Parish Ambassadors getting a closer look at one of the tanks.

by Latoya Burnham

Despite the fact that 90 to 95 per cent of the rum produced at West Indies Rum Distilleries is exported, the manufacturers say the recession has still been challenging.

Operations Manager, Don Benn, told a group of parish ambassadors during a tour of the facility today however that they were discovering a new trend in young consumers of the product.

The rum manufacturer is one of the sponsors of the Community Independence Celebrations and the tour was to give the ambassadors a better idea of what is involved in the process.

Benn said Barbados still had a pretty strong brand where rum was concerned and the tag “Made in Barbados” still held sway in the market. But he said there were competitors who were noting that they could produce rum cheaper.

It is in this respect, he said, that West Indies Rum Distilleries had been able to play to its strengths of quality and customer service.

“We then try to play on our strengths and use our strengths more… Barbados is a brand right now.
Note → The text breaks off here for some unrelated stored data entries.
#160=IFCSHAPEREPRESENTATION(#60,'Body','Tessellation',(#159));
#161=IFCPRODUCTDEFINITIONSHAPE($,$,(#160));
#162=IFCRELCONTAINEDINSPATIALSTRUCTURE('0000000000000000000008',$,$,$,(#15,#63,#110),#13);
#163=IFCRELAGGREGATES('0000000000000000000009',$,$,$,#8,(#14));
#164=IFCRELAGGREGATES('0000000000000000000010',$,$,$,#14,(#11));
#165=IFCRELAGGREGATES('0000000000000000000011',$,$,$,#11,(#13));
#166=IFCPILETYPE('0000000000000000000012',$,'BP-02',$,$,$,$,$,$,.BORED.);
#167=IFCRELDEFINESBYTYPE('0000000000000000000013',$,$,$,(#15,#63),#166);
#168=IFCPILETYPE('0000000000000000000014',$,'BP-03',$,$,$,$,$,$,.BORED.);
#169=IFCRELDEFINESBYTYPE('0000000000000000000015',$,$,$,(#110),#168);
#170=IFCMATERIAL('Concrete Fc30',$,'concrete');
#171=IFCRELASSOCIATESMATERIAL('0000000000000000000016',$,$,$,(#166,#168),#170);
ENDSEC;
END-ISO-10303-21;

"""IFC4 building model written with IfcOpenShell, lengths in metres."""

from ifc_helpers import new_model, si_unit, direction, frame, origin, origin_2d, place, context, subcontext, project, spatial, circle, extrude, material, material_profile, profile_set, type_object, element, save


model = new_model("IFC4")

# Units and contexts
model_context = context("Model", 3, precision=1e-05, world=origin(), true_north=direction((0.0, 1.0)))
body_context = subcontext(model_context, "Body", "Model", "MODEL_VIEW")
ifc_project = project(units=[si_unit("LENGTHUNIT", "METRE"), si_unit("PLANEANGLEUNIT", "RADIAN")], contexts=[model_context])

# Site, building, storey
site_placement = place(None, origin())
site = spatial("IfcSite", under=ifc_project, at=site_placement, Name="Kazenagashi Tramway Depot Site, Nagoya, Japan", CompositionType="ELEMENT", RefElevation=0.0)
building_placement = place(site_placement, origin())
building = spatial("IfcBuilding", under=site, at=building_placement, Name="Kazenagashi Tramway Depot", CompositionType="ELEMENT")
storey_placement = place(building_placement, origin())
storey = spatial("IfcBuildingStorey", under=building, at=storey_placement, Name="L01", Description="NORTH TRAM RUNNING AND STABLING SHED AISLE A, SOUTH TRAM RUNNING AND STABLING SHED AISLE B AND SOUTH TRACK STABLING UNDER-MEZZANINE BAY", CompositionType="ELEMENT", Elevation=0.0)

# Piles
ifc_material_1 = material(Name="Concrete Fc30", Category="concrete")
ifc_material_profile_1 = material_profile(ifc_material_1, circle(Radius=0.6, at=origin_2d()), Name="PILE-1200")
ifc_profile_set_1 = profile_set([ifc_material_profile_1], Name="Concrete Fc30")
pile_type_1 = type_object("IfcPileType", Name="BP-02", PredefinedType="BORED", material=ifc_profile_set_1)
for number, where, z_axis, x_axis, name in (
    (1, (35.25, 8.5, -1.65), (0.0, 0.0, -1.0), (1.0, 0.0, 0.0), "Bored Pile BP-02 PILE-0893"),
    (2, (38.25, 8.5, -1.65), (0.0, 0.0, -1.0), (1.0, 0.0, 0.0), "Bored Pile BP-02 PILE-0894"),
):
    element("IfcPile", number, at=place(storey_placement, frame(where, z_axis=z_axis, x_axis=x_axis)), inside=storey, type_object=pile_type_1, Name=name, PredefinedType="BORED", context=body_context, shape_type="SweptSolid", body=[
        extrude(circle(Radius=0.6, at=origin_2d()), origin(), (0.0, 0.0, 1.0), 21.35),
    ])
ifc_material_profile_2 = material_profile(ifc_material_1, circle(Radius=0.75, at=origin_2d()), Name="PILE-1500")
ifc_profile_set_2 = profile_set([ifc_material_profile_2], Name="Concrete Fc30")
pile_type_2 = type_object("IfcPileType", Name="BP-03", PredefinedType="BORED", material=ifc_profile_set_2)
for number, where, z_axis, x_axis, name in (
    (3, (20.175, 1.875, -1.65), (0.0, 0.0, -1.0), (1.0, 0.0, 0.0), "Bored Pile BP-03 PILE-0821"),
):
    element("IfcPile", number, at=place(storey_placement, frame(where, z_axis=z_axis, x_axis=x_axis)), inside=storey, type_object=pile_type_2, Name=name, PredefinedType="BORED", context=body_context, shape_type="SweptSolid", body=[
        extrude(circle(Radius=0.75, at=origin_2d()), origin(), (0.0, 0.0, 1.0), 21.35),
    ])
The other thing we pride ourselves on is quality, the ability to give our customer what is required.

“There are not many distilleries in the Caribbean that have the laboratory capabilities that we have and sometimes you have a problem with your product and you can’t tell what is going on. So our quality is our main thing,” he said, adding that even if a distillery in Ecuador sold a cheaper product, “made in Ecuador” was not the same as “made in Barbados”.

The operations manager said as well that while there was also still a market for the aged rums, it was now coming down to a question of preference by the different customer bases.
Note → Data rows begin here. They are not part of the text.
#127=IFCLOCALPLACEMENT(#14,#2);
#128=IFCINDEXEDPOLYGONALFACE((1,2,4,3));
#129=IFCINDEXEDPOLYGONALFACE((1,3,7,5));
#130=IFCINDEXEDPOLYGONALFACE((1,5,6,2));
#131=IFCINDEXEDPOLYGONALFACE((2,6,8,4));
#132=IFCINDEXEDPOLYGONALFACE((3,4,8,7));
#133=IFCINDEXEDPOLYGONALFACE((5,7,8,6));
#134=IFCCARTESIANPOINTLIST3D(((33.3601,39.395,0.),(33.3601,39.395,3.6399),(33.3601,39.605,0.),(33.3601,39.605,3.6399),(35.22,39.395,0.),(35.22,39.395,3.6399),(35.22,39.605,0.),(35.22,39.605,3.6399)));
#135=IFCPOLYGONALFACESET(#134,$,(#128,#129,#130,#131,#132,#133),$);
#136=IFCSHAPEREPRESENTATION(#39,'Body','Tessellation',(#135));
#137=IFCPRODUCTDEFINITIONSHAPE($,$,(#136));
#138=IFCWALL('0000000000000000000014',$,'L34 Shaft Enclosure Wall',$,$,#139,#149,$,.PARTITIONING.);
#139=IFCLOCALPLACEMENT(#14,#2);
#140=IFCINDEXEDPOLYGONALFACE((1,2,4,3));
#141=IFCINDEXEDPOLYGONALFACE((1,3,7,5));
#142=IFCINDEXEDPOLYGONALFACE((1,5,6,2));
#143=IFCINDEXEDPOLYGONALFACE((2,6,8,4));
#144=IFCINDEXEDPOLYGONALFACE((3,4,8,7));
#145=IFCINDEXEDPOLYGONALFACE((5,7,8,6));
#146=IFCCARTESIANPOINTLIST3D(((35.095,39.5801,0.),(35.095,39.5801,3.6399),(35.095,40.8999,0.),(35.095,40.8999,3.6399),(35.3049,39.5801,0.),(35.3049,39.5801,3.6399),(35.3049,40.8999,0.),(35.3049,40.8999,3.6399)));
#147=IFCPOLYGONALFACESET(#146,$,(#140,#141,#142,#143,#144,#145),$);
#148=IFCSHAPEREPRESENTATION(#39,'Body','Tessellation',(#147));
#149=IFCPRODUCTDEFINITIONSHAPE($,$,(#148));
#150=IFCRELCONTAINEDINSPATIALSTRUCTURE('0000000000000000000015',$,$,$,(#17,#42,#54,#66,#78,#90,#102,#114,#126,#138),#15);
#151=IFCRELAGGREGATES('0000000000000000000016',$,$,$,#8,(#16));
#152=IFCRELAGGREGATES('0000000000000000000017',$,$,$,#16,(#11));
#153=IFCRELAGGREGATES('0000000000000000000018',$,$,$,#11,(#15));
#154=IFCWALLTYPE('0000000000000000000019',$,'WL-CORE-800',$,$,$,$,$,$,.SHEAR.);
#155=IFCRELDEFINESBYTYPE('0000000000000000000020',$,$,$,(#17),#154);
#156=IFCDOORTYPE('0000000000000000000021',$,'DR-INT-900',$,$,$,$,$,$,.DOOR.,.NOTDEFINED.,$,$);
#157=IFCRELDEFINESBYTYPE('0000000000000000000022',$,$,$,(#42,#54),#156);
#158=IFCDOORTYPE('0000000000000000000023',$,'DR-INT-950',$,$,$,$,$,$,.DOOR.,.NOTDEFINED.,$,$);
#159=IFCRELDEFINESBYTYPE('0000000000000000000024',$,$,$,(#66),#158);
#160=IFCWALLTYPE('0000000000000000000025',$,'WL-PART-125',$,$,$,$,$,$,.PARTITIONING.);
“You might have a customer base that values that very woody taste the longer you keep it in a barrel. We find now, younger people, in their late 20s, early 30s, want a cleaner product. So you don’t even have to age it.

“They may want some flavour like apple vodka or something like that. So you don’t have to age it, just make the alcohol and add flavours. So it depends on your market, but what you have to be careful of when you aging rum is that the longer you age it the more it evaporates.”

In places like Barbados, the hot temperature allowed the rum to age faster, but the downside was that more was lost in the heat, than in humidity which allowed the barrels to swell and sealed up the cracks in the casks.

“Quite a lot of what we export comes directly from the process, maybe blending two types of rum. It may be aged or put in a bottle right away, add a little flavour and put it right out for the market.” There were still markets though, he said, that would take the product shipped in tonnes and age it to suit their own customers tastes.